Verónica Bracho Alburquerque
Socióloga y MCE


Todos hemos vivido algún momento de estrés: por motivos de trabajo, de salud, de dinero, de relaciones familiares, de amor, entre muchos otros factores. El estrés que resulta benéfico cuando nos activa y nos ayuda a salir de situaciones problemáticas, se denomina eutés; pues genera vigor, incluso valentía; empero, ¿qué sucede cuando este estrés se vuelve parte de la vida diaria y no nos percatamos de ello?, y lo que es aún peor, que no nos ayuda para activarnos, sino todo lo contrario, nos bloquea mentalmente, dañándonos emocional y físicamente. Esto suele pasar (más de lo que te imaginas), pues el estrés, pasa de ser eso, e inicia otra etapa, convirtiéndose en “distrés”, y con su presencia diaria y dañina, perjudica la salud. Los síntomas en general son: A nivel somático: Fatiga crónica, cansancio, dolores de cabeza, de espalda, de cuello y musculares; así como insomnio, alteraciones respiratorias, alteraciones gastrointestinales, hipertensión, etcétera.

A nivel conductual: Comportamiento suspicaz y paranoide, inflexibilidad y rigidez, incapacidad para estar relajado, superficialidad en el contacto con los demás, aislamiento, actitud cínica, incapacidad de poder concentrarse en el trabajo, quejas constantes, comportamientos de alto riesgo como conductas agresivas, ausentismo, consumo de sustancias psicoactivas, tranquilizantes, barbitúricos, y bebidas alcohólicas.

A nivel emocional: Agotamiento emocional, expresiones de hostilidad, irritabilidad y odio, dificultad para controlar y expresar emociones, aburrimiento, impaciencia e irritabilidad, ansiedad, desorientación, y sentimientos depresivos.

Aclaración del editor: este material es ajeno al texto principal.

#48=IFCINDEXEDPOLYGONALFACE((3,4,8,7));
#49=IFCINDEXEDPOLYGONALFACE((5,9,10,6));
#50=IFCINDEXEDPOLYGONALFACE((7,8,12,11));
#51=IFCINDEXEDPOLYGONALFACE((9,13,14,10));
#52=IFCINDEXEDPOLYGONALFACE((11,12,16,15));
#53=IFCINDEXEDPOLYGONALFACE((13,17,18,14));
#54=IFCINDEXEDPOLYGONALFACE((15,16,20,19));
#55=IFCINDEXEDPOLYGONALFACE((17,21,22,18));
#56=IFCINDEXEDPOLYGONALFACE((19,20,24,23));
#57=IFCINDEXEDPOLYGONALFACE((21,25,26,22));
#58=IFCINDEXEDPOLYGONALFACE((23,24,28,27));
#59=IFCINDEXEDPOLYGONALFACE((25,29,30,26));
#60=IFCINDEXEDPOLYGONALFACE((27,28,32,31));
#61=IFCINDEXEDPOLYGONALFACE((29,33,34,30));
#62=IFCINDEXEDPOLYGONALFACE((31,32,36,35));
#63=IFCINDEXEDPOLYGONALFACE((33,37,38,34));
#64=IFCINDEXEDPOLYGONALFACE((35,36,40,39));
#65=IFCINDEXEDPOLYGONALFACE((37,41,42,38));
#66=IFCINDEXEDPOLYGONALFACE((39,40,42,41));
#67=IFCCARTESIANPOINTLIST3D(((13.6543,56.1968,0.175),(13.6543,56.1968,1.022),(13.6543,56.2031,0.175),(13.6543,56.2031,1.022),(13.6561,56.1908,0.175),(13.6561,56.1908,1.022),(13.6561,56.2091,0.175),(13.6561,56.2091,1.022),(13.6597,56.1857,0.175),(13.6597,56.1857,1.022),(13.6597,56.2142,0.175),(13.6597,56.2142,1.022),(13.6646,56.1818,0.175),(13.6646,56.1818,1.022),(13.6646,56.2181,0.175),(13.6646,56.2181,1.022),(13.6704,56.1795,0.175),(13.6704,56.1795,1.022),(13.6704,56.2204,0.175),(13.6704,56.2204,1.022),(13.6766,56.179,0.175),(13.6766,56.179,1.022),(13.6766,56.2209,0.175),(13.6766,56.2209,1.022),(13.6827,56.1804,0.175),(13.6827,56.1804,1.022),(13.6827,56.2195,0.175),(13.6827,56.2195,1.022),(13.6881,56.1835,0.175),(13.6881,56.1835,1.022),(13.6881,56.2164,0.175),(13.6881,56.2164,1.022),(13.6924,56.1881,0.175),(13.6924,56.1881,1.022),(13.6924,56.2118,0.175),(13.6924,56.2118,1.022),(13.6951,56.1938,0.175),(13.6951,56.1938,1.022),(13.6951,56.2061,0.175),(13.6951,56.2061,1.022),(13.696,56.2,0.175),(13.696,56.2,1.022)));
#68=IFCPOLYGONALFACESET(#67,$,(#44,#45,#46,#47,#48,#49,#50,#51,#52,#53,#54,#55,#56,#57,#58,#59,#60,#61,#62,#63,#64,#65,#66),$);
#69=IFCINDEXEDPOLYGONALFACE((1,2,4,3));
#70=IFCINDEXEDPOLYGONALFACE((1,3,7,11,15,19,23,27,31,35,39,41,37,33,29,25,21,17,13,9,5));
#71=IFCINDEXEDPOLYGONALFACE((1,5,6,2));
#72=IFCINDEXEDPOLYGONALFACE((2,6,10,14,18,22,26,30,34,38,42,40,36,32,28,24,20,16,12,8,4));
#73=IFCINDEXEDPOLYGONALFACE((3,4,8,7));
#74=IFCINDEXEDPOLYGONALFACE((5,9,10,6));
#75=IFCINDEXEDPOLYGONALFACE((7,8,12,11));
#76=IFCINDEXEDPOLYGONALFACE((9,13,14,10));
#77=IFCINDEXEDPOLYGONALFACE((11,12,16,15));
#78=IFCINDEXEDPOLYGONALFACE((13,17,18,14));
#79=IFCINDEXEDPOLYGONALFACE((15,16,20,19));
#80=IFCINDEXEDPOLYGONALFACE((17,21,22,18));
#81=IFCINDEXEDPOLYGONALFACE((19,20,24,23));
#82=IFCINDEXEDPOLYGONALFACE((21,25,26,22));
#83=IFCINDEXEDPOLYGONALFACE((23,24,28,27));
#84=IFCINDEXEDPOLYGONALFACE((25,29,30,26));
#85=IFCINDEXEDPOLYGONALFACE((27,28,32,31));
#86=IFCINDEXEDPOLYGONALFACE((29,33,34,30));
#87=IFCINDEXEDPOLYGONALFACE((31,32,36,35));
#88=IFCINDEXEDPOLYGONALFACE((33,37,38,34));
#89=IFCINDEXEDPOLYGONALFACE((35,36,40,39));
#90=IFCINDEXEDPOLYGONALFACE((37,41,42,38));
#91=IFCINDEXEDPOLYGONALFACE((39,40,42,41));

A nivel cognitivo: Baja autoestima, baja realización personal en el trabajo, impotencia para el desempeño del rol profesional, y fracaso laboral.

Y en algunos casos, se llegan a presentar hasta enfermedades inmunes. El distrés es hermano (y va de la mano del síndrome de Burnout), comúnmente conocido como el “sindrome del quemado laboral”, y es el mal silencioso que aqueja al mundo contemporáneo, y el trabajo es su “talón de Aquiles”.

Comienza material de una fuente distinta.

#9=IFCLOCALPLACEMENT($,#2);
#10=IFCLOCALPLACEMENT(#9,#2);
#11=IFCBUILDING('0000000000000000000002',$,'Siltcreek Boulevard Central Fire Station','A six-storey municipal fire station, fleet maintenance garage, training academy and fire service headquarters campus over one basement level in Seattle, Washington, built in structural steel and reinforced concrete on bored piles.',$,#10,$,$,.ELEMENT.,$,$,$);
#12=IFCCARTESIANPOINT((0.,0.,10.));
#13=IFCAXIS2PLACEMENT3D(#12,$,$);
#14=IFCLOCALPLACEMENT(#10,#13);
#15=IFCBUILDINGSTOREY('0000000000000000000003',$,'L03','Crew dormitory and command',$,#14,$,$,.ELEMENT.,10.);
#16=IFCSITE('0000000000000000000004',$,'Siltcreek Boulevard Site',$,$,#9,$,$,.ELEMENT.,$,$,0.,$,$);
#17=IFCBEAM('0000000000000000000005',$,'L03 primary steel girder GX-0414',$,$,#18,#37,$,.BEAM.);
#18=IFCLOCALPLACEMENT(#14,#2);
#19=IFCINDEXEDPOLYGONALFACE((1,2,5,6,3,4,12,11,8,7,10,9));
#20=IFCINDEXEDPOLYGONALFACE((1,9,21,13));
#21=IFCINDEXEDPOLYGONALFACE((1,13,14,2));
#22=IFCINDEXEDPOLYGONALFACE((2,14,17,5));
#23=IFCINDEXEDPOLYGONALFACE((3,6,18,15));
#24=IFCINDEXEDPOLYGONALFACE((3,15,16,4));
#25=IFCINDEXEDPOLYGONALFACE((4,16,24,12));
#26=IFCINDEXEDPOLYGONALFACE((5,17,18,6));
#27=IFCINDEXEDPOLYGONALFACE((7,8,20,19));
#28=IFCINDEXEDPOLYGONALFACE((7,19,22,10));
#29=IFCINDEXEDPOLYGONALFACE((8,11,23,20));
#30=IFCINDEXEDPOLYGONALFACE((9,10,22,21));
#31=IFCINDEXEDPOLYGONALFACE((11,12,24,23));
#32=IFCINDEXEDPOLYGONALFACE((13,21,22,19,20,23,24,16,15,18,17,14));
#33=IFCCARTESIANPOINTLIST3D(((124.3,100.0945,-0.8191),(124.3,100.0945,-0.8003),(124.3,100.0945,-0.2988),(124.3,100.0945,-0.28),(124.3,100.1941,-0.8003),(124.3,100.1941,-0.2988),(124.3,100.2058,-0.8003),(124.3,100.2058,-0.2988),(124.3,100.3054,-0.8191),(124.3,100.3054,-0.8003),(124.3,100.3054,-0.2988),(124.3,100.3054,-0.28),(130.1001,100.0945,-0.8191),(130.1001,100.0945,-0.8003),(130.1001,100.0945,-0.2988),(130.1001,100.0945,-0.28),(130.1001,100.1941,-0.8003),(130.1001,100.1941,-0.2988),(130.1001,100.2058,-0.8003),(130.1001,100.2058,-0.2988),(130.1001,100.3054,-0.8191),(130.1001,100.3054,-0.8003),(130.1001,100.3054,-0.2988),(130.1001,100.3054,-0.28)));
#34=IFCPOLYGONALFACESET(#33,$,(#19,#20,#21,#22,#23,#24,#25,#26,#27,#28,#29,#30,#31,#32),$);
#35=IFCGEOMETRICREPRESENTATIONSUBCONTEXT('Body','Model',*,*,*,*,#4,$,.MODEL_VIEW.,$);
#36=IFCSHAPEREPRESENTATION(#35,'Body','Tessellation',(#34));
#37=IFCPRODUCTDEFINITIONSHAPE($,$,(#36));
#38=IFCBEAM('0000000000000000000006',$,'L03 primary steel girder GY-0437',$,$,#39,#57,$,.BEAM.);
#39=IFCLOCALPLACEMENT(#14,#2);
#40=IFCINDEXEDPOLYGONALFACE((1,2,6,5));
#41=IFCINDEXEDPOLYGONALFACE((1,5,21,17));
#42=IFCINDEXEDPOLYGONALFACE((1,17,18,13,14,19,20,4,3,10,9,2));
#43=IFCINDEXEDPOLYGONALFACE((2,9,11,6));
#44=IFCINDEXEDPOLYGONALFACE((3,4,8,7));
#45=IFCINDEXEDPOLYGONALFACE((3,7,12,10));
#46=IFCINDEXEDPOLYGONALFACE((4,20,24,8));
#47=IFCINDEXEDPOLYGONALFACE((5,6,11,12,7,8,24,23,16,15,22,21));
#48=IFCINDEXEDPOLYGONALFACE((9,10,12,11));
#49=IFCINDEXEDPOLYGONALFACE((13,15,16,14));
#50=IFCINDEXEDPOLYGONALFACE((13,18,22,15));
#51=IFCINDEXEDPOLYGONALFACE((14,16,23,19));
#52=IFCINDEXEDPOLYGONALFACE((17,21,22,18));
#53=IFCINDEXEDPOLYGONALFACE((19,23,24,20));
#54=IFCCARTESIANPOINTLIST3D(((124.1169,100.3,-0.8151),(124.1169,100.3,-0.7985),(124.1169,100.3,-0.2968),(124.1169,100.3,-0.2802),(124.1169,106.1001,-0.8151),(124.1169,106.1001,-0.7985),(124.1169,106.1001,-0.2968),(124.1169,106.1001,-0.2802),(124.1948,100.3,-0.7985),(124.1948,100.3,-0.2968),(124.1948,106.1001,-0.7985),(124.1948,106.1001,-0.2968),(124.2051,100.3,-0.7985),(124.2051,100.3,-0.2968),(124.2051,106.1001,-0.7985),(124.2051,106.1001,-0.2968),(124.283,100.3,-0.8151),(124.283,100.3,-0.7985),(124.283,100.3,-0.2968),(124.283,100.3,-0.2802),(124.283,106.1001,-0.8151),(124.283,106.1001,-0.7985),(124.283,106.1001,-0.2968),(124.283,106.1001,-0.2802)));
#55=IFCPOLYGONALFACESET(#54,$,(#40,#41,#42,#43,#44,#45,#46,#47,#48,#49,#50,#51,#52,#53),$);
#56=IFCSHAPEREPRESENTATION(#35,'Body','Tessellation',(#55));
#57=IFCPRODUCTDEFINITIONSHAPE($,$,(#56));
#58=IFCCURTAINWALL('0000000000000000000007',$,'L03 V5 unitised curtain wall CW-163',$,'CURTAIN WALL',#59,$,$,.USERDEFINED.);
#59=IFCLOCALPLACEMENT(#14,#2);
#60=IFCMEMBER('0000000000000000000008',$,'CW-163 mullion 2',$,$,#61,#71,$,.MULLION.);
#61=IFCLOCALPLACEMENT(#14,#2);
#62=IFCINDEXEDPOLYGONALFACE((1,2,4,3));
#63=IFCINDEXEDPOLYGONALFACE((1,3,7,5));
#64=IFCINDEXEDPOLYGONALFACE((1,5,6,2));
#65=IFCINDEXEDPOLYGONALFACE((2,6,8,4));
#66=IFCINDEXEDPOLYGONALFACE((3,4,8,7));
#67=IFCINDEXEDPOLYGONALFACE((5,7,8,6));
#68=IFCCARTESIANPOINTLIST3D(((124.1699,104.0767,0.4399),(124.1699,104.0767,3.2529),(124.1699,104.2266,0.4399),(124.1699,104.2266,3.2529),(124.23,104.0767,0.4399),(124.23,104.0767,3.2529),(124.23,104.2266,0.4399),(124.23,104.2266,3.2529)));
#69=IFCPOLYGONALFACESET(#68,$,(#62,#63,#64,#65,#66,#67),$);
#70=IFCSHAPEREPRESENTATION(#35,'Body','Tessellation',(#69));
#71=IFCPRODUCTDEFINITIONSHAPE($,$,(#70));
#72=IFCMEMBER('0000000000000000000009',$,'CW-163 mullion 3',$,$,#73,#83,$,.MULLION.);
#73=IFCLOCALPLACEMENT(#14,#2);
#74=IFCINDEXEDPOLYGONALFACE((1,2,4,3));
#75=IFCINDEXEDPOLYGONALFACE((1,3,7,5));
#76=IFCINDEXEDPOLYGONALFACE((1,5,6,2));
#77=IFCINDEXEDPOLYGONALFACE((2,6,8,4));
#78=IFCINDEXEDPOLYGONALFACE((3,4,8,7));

Retomemos que el término de síndrome de Burnout, fue acuñado por Freudenberger (un psicólogo naturalizado estadunidense, nacido en Alemania), fue uno de los primeros en describir los síntomas de agotamiento profesional, y de llevar a cabo un amplio estudio sobre el síndrome de Burnout.

Freudenberger (1974), describe el Burnout como: “Una sensación de fracaso, y una existencia agotada o gastada, resultado de una sobrecarga por exigencias de energías, recursos personales o fuerza espiritual del trabajador”, que sitúan las emociones y los sentimientos negativos en el contexto laboral.

Por otro lado, México tiene en este momento, el primer lugar en síndrome de Burnout, a nivel mundial; seguido de los Estados Unidos de América y China.

Hoy, la situación es todavía más tensa con el Covid-19, el síndrome de Burnout debe tener un porcentaje elevadísimo, pues la ansiedad, la preocupación y la angustia creada por el confinamiento y el trabajo, está causando estragos serios en la población, y al ser una problemática mundial, en el que están puestos los ojos en esta inesperada situación, no se han realizado estadísticas actuales del Síndrome de Burnout, lo cual, muy seguramente, pasando esta problemática internacional, no tardará mucho en que los investigadores sociales, realicen las encuestas de salud, y se conozca el aumento de este síndrome.

Desafortunadamente, debido a cómo se presenta la enfermedad, continuamente es confundida con otras enfermedades como la depresión, la falta de vitaminas, o una situación pasajera entre otras, con lo cual el paciente sigue estando enfermo, y los médicos no logran el diagnóstico adecuado; creando así, una agudización en la enfermedad.